Volume 41, Number 1: January/February 2007

New Clothes, Same Old Canadian Thinking

There are Aboriginal lawyers, doctors, judges, professors, teachers, architects, engineers, writers, musicians, artists, politicians, corporate executives, bureaucrats. In fact, Aboriginal peoples can be found in all walks of life today. But for most Aboriginal people in Canada, descendants of the first occupants of this land, whether they live in the cities or the country, poverty is an everyday reality. In this time and place, poverty means shame, constant worry and fear.

In Canada, we newcomers take pride in not having fought Indian wars in order to take possession of the territory. We take pride, that is, in having made solemn treaty promises and then broken them. We used economic deprivation to drive Aboriginal peoples into signing treaties. And then we ignored the solemn promises that were made. Today, as in the past, economic deprivation is the great piston that drives the capitalist motor. That means the poverty, and the shame, and the constant worry, and the fear are tools of this system. And so, modern treaties get signed. More promises are made. Everyone shakes hands and smiles for the cameras and feels good. Real optimistic.

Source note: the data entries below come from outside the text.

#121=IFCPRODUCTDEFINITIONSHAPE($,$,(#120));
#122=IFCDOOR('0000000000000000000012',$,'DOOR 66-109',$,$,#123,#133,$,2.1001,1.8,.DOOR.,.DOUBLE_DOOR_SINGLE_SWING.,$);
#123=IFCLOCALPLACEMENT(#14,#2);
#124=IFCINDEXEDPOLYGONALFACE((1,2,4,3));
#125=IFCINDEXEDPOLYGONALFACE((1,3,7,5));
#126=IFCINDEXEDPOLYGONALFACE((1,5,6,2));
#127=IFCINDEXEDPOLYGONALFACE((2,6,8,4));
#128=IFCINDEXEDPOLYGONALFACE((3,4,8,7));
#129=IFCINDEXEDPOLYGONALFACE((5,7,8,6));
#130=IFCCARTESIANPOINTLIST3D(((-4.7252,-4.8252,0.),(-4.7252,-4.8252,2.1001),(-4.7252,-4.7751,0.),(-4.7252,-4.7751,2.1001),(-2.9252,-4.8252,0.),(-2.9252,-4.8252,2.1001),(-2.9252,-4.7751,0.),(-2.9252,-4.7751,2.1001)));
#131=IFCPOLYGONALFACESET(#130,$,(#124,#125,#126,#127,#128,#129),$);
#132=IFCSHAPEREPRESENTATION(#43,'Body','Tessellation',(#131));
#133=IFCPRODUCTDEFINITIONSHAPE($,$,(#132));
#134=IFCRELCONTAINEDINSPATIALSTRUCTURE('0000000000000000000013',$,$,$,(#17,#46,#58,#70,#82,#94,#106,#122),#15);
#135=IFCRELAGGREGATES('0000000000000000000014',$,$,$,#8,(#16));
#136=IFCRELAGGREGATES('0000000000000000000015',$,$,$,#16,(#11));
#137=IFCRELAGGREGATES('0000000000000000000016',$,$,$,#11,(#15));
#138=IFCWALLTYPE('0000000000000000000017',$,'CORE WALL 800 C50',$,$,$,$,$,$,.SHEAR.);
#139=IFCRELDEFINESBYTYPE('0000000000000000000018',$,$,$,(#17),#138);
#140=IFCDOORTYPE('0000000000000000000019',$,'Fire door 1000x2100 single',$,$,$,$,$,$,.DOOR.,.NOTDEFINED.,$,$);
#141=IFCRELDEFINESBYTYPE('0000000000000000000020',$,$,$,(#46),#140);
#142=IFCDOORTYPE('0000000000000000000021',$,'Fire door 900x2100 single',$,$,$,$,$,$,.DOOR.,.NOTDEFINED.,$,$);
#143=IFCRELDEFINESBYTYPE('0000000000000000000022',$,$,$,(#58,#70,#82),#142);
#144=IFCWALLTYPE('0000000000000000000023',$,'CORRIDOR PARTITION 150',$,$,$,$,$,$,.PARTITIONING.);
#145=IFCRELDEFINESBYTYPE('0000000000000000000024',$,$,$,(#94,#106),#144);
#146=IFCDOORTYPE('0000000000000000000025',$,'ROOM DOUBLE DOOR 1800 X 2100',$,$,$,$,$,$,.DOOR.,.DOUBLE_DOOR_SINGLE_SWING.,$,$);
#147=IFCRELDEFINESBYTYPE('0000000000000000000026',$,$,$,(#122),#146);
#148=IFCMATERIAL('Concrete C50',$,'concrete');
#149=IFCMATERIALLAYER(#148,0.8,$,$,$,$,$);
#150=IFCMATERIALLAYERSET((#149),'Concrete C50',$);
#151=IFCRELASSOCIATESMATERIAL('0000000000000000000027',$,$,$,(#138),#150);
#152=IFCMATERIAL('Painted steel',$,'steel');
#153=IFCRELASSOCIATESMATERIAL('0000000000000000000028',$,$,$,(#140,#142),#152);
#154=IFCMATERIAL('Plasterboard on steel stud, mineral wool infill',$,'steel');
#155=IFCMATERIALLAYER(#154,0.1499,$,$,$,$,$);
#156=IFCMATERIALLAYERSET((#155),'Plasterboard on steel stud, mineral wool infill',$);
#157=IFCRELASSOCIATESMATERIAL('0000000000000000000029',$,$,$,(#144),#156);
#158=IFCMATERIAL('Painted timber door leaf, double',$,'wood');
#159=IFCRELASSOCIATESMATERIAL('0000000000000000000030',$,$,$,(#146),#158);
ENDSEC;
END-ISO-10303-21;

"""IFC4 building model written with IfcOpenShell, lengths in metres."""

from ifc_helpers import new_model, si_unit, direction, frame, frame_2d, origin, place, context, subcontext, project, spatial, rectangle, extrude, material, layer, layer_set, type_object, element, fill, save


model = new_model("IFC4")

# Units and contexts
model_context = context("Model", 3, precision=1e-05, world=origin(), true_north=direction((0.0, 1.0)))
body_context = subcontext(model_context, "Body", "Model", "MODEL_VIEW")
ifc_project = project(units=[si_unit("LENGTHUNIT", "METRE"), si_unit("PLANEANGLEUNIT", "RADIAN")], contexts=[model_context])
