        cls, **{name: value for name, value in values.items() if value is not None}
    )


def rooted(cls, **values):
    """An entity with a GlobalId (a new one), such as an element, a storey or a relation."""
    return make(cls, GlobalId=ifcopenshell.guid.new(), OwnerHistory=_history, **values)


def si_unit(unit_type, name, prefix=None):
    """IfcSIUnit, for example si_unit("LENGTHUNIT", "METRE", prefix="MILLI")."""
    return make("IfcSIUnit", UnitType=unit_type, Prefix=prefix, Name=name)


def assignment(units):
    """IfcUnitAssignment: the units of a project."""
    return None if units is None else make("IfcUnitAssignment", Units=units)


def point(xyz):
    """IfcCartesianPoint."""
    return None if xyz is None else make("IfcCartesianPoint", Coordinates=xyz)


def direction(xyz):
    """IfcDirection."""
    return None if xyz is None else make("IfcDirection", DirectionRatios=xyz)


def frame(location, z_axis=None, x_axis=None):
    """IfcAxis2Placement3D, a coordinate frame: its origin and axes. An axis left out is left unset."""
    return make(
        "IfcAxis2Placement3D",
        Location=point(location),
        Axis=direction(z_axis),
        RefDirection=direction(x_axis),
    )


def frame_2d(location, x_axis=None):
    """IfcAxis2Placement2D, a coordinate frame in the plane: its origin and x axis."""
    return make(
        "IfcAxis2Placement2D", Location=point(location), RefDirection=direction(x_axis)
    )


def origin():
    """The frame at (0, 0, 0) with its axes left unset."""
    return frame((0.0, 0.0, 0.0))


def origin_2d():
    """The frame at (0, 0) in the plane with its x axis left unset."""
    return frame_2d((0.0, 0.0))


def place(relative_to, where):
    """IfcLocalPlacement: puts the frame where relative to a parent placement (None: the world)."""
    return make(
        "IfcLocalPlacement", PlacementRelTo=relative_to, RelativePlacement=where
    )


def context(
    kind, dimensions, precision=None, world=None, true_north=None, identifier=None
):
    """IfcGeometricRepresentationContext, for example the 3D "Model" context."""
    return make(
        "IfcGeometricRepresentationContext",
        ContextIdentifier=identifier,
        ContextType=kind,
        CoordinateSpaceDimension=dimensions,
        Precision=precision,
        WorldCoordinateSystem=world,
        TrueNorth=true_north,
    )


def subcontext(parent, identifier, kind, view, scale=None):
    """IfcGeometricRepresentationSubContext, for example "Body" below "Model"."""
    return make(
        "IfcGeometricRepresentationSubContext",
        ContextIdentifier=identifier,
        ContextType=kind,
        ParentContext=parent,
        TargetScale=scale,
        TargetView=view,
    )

Another kind of poverty lies in the ideas that continue to be the foundation of Aboriginal policy-making, in the smugness of the cozy consensus that has circulated among political elites around Aboriginal issues for the last century and a half. The party of the Right and the party of the far Right, and the media that serve their interests, want to see “progress” in Aboriginal communities through “modernization” and “development.” Each new set of proposals comes with these three heralds: development, modernization, progress. Each generation brings a new set of the same proposals with the same heralds. If you follow this long enough, and read some of the history around it, it gets rather depressing. How much more progress can these communities take?

When the poorly funded infrastructure problems on reserves reach epidemic levels, as recently at Kashechewan in northern Ontario, the response is nothing short of an incredible wave of breathtaking stupidity: Politicians and their media friends are talking seriously about wholesale relocation of the community to Timmons. Anyone contemplating the relocation of Kashechewan should read Ila Bussidor and Usten Bilgen-Reinart’s Night Spirits, which deals with the relocation of the Sayasi Dene from Duck Lake to Churchill and, after more than a decade of misery in a government-built, locally stigmatized shantytown; the courageous return of the people to their traditional lands; and the setting-up of the community of Tadoule Lake. In spit of compelling historical examples and in spite of the fact that Cree from Kashechewan have lived since the world was new in their northern territories, and signed a treaty that promised they could live their life ways “for as long as the sun shines, the grasses grow and the rivers flow,” one hundred years later it has become convenient to forget those promises, ignore all those historical examples and get on with full-scale assimilation. Again.

Isn’t it interesting that Aboriginal communities, which will be in the north for the indefinite future, have vastly poorer infrastructures than non-Aboriginal industry towns in the north, which will last a couple of generations at most? The Aboriginal communities have no tax base. They rely on the federal government for funding. The industry towns have a real-estate tax base. No one has ever thought of funding infrastructure on reserves based on taxes from any “development” on their home territories. The mines, the hydro projects, the timber would be a source of some local wealth, rather than, when all the dollars are pumped south and environmental degradation is left up north, a source of local misery.

While the Left has a strong empathy for Aboriginal issues and feels a natural constituency among Aboriginal peoples, it has not in practice done very well at reaching across the cultural boundary. Like the Right, it comes with a self-enclosed set of prescriptions and solutions, and, like the Right, it comes educated in a sanctioned ignorance of colonial history and reality. Yet, we have much to learn from Aboriginal peoples, many of whom are far more “developed” than their Western neighbours when it comes to democratic decision-making forms; when it comes to building communities that deserve the name of community; when it comes to maintaining a sustainable balance with their ecological settings; and when it comes to asking spiritual questions in an open, curious, non-sectarian and non-institutional way.

There are leaders among Aboriginal peoples in urban centres and rural communities all across Canada. Their messages do not come in pre-packaged words that we can fit into our already-existing ideologies. But they are compelling, and it is our urgent task to have the patience and openness to listen, to learn.